# Atomic Rain Leo



## FBanimal (Dec 3, 2012)

I have a rainwater albino female coming on Friday and I'm getting really excited. I'm hoping she will be the start of my breeding project.
I found a really nice looking leo called an atomic rain I have looked everywhere and can't seem to find out what the morph mix is but someone said a tangerine and rainwater. Does anyone know if this is right?


----------



## gazz (Dec 9, 2006)

Atomic rains are not really nothing special they are just a line of leo there basically Ralbino + Hypo + Tangerine, This combo is more often called Fire waters. Same as blood hypos, Tangerine tornados, Fire fox there all just super hypo tangerine, it's just spinning a fancy name to jump there value.
If you have a spade and paint it blue, it's still a spade:whistling2:. Paint it yellow, still a spade:whistling2:. Paint it red, still a spade:whistling2: : victory:..


----------



## MP reptiles (Dec 30, 2010)

gazz said:


> Atomic rains are* not really nothing special* they are just a line of leo there basically Ralbino + Hypo + Tangerine, This combo is more often called Fire waters.
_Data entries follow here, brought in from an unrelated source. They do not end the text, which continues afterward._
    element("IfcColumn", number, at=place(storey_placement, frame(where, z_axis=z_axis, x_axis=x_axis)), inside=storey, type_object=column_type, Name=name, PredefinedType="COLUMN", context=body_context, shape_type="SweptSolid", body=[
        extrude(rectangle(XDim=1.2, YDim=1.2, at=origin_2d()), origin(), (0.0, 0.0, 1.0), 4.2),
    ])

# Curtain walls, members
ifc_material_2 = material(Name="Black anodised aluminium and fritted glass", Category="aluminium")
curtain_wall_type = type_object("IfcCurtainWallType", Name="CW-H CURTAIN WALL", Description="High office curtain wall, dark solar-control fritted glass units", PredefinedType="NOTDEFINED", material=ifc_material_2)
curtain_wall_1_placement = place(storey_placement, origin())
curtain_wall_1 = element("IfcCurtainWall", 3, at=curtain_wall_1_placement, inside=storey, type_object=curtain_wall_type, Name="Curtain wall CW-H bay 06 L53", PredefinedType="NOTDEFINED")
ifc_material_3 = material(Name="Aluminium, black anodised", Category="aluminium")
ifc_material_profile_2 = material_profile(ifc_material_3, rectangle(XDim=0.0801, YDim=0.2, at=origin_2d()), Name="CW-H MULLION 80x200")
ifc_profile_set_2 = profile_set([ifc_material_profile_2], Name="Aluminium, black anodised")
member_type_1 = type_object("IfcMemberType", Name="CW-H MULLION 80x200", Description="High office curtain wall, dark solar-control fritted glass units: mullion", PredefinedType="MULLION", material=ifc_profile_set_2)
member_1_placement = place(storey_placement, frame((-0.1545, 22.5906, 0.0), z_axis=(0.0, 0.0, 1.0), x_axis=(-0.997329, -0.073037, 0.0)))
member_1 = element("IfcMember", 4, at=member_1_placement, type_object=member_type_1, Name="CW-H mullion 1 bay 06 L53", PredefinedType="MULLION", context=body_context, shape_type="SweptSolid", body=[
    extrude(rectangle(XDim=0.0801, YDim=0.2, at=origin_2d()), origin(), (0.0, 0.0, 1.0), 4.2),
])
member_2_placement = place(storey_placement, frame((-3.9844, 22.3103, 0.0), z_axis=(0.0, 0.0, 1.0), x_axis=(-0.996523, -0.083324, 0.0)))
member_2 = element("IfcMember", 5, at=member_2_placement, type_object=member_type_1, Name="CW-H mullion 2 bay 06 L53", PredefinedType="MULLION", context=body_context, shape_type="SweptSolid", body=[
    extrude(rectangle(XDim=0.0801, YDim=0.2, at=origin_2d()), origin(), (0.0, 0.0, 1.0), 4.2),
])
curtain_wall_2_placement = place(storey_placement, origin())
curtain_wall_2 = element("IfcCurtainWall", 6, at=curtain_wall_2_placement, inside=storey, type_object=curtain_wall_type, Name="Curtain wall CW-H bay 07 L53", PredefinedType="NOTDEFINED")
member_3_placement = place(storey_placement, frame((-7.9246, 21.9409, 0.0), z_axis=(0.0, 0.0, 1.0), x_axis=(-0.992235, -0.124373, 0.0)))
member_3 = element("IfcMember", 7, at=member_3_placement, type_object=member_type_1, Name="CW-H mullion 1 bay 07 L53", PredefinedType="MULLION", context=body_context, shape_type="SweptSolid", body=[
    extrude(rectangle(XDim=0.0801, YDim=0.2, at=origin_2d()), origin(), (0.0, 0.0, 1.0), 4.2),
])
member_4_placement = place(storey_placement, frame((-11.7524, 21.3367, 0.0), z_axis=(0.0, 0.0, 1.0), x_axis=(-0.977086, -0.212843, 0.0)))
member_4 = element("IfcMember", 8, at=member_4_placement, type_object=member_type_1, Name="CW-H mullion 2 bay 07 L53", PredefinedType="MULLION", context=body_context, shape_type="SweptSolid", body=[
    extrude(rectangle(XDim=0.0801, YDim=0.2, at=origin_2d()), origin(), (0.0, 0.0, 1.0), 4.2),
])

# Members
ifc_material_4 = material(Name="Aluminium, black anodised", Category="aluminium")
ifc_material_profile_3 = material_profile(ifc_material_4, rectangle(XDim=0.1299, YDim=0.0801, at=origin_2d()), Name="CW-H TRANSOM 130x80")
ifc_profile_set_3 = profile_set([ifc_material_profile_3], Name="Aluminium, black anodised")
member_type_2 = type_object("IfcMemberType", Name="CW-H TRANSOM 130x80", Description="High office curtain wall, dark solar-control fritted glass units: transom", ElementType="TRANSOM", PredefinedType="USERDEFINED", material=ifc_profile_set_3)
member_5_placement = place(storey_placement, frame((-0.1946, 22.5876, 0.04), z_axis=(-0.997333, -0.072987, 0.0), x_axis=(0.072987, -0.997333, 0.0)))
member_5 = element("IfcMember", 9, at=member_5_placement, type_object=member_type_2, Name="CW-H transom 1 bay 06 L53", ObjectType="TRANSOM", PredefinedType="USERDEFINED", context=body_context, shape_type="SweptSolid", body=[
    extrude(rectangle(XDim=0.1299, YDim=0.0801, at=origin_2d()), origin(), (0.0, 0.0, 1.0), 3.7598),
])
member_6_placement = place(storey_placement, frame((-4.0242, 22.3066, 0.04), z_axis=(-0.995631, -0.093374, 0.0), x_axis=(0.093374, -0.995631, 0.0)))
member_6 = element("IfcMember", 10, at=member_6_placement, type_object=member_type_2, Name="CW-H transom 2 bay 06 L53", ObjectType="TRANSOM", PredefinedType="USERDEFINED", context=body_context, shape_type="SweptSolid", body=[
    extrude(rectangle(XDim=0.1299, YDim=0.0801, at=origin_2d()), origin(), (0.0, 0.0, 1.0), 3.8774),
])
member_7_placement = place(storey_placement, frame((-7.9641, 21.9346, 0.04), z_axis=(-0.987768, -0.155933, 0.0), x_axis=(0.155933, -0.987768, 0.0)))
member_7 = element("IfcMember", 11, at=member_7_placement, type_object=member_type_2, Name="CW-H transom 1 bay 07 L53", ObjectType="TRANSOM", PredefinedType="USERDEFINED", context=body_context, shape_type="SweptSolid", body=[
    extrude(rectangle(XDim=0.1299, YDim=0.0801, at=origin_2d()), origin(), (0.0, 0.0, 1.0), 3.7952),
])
Same as blood hypos, Tangerine tornados, Fire fox there all just super hypo tangerine, it's just spinning a fancy name to jump there value.
> If you have a spade and paint it blue, it's still a spade:whistling2:. Paint it yellow, still a spade:whistling2:. Paint it red, still a spade:whistling2: : victory:..


So they are special then :whistling2: had to be done


----------



## FBanimal (Dec 3, 2012)

Cheers for the response I'd never heard of them before and just wondered what they were.


----------